Learnings and best practices
In building Spotlight Cloud, Quest gained a deep understanding into how to use Azure Cosmos DB in the most effective way:
Understand Azure Cosmos DB’s provisioned throughput model (RU/s)
Quest measured the cost of each operation, the number of operations/second, and provisioned the total amount of throughput required in Azure Cosmos DB.
Since Azure Cosmos DB cost is based on storage and provisioned throughput, choosing the right amount of RUs was key to using Azure Cosmos DB in a cost effective manner.
Choose a good partition strategy
Quest chose a partition key for their data that resulted in a balanced distribution of request volume and storage. This is critical because Azure Cosmos DB shards data horizontally and distributes total provisioned RUs evenly among the partitions of data.
During the development stage, Quest experimented with several choices of partition key and measured the impact on the performance. If a partition key strategy was unbalanced, a workload would require more RUs than with a balanced partition strategy.

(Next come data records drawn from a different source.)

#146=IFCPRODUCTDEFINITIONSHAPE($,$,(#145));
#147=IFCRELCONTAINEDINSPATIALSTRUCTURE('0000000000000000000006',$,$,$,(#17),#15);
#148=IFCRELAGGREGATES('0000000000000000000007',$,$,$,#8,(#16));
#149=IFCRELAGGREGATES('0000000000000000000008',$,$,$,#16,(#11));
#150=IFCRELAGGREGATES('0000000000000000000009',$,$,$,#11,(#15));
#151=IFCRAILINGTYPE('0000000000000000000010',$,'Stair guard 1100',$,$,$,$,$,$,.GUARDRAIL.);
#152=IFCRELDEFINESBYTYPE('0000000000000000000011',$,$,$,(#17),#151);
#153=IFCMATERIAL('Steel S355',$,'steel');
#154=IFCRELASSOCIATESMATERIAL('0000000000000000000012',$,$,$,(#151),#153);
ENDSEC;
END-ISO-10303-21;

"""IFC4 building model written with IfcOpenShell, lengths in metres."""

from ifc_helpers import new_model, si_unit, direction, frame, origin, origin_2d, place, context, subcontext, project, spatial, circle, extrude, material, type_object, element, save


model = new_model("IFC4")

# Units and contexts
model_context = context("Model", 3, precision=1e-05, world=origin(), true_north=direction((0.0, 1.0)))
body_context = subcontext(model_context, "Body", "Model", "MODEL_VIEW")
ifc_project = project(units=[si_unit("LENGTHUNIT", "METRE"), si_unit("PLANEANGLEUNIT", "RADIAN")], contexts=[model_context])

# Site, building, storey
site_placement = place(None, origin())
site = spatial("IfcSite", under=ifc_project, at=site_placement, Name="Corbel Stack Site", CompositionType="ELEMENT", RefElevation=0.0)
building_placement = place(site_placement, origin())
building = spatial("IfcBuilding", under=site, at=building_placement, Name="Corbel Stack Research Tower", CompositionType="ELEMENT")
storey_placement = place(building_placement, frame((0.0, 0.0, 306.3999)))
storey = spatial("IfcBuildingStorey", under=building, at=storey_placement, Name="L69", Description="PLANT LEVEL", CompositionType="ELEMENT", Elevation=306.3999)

Quest chose a synthetic partition key that incorporated Server Id and type of data being stored. This gave a high number of distinct values (high cardinality), leading to an even distribution of data – crucial for a write heavy workload.
Tune indexing policy
For Quest’s write-heavy workload, tuning index policy and RU cost on writes was key to achieving good performance. To do this, Quest modified the Azure Cosmos DB indexing policy to explicitly index commonly queried properties in a document and exclude the rest. In addition, Quest included only a few commonly used properties in the body of the document and encoded the rest of the data into a single property.
Scale up and down RUs based on data access pattern
In Spotlight Cloud, customers tend to access recent data more frequently than the older data. At the same time, new data continues to be written in a steady stream, making it a write-heavy workload.
To tune the overall provisioned RUs of the workload, Quest split the data into multiple containers. A new container is created regularly (e.g. every week to a few months) with high RUs, ready to receive writes.
Once the next new container is ready, the previous container’s RUs is reduced to only what is required to serve the expected read operations. Writes are then directed to the new container with high number of RUs.
Tour of Spotlight Cloud’s user interface
Quest has provided software solutions for the fast paced world of enterprise IT since 1987. They are a global provider to 130,000 companies across 100 countries, including 95 percent of the Fortune 500 and 90% of the Global 1000.